Arm Keil MDK IDE Version 5.38+ for MSPM0 MCUs

Table of Contents

• Read This First

• Software Installation

• Development Flow

• Debugging the Application

• Known Issues and Frequently Asked Questions (FAQs)

Read This First

How to Use This Guide

This guide describes only the setup and basic operation of the software development environment, but it does not fully describe the MSPM0 microcontrollers or the complete development software and hardware systems. For details of these items, see the appropriate TI and Keil documents listed in section Related Documentation From Texas Instruments.

This guide applies to the use of the TI XDS-110, Arm ULINK, and Segger J-Link development tools series.

These tools contain the most up-to-date materials available at the time of packaging. For the latest materials (including data sheets, user’s guides, software, and application information), visit the TI MSPM0 website or contact your local TI sales office.

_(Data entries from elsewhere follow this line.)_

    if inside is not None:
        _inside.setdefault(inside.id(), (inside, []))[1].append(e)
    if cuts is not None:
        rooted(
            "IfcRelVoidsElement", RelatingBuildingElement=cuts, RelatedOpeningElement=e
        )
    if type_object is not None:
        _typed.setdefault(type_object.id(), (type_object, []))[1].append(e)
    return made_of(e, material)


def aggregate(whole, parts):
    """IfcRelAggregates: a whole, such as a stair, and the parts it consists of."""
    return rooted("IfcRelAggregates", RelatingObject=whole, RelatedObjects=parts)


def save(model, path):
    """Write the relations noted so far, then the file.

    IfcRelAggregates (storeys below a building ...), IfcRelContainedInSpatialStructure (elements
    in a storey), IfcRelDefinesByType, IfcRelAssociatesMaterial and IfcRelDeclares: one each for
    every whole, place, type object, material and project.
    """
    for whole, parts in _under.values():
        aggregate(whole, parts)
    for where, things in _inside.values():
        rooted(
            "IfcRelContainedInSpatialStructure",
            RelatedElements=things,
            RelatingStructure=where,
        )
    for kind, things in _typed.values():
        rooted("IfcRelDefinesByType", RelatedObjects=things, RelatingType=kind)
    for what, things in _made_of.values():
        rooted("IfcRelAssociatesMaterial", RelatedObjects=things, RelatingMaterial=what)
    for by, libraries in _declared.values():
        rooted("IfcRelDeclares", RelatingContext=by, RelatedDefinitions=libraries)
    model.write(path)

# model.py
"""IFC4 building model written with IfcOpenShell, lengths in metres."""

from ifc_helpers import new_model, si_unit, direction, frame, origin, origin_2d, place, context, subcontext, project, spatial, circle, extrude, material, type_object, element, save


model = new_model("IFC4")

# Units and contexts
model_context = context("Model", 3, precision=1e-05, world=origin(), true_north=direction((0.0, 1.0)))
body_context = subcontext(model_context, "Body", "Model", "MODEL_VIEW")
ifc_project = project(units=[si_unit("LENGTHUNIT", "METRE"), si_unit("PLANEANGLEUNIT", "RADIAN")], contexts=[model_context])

Information About Cautions

This guide may contain cautions.

Caution - This is an example of a caution statement. A caution statement describes a situation that could potentially damage your software or equipment.

Read each caution carefully.

Related Documentation From Texas Instruments

MSPM0 development tools documentation:

• XDS110 Debug Probe User’s Guide

MSPM0 device documentation:

• LP-MSPM0L1306 User’s Guide

• MSPM0 L-Series Technical Reference Manual

• LP-MSPM0G3506 User’s Guide

• MSPM0 G-Series Technical Reference Manual

If You Need Assistance

The E2E Community Support Forums for MSPM0 MCUs are available to provide open interaction with peer engineers, TI engineers, and other experts. Additional device-specific information can be found on the MSPM0 website.

1. Software Installation

Arm Keil MDK, including µVision IDE, debugger and Arm C/C++ compiler, is available from the Keil website. MSPM0 microcontrollers and the MSPM0 SDK require Keil MDK 5.38 or higher.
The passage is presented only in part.